Video of the session isn't available because the canvassing sessions aren't taped. But Hakkola, the vice chair of the First District's Republican Party, has made several conspiracy-laden public statements voicing concerns about the reliability of voting machines.

 "I'm saying there's fraud inherent in the elections, it's in the machinery," said Hakkola at a County Commission meeting earlier this year. "We have a lot of our agencies infiltrated everyday so there is a lot of fraud…in Michigan and Wisconsin."

Hakkola could not be reached for comment. 

Scott Aughney, of the Citizens for Electoral Justice, told CBS News he had been in contact with officials in Delta County for more than a year. He says Delta County officials initiated contact with his organization ahead of the certification. 

Aughney and his group have been meeting with local Republican party members, law enforcement and election administrators in counties across Michigan. 

"It's not even about Donald Trump anymore," said Aughney, who is based in Jackson County, 400 miles from Delta and is currently running for sheriff. 

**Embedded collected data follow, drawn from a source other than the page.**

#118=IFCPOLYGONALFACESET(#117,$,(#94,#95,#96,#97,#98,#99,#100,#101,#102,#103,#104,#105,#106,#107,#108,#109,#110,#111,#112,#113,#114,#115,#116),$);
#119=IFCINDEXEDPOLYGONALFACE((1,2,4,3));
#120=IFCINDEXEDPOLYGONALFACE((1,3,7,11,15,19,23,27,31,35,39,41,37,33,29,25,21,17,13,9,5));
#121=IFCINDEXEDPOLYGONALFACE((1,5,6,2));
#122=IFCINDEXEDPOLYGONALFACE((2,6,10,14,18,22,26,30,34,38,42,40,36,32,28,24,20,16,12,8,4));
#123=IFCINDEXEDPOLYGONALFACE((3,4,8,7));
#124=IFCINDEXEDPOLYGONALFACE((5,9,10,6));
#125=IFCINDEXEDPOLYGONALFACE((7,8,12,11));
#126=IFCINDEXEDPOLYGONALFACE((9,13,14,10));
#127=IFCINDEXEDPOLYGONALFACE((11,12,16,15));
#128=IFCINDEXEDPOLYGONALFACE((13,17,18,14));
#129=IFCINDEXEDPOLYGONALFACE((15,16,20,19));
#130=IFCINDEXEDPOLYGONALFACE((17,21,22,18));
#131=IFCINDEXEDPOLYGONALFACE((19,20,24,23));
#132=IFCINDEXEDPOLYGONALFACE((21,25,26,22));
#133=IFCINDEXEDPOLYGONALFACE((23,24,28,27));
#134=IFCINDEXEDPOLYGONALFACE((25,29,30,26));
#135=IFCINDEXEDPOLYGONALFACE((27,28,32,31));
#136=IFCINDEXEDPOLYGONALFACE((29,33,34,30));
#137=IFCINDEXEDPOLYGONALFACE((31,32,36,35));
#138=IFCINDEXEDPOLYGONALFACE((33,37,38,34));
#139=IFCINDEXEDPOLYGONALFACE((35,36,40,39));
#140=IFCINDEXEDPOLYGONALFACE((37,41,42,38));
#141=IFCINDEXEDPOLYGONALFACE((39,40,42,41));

Putting pressure on local officials to cast doubt on the voting process is part of a national strategy, says Rogers, a democracy strategist and elections advocate. "These groups are working to undermine public trust in our elections," Rogers said. "And ultimately, our ability to respond to that threat is going to change the direction of this country. " 

Some officials overseeing election in swing states are 2020 election deniers 02:40

Those who administer the elections continue to be under growing pressure from outside groups and some citizens.

County Clerk Przewrocki says the groups are pressuring her to release voter roll data that contains protected personal information, which the state says is illegal to distribute publicly. 

"County clerks are caught between that group and the secretary of state's office," she said. "It's a tough situation to be in."

Two days after the canvassers refused to certify the local vote, the secretary of state's office sent the Delta County clerk's office a letter to advise it of the consequences if the vote was not certified. 

"The Constitution and Michigan Election Law do not authorize boards of county canvassers to refuse to certify election results based on claims made by third parties of alleged election irregularities, or a general desire to conduct election investigations," the letter says. Failure to certify would mean that the clerk would have to personally deliver all records including ballots and voting machines to Michigan state canvassers — all at the county's own expense. The price tag, the letter adds pointedly, will be "expansive." 

The letter was signed by Jonathan Brater, director of elections, secretary for the Board of State Canvassers. 

At a swiftly rescheduled follow-up vote Friday evening, the canvassers voted to certify the vote, with three voting in favor and Hakkola abstaining.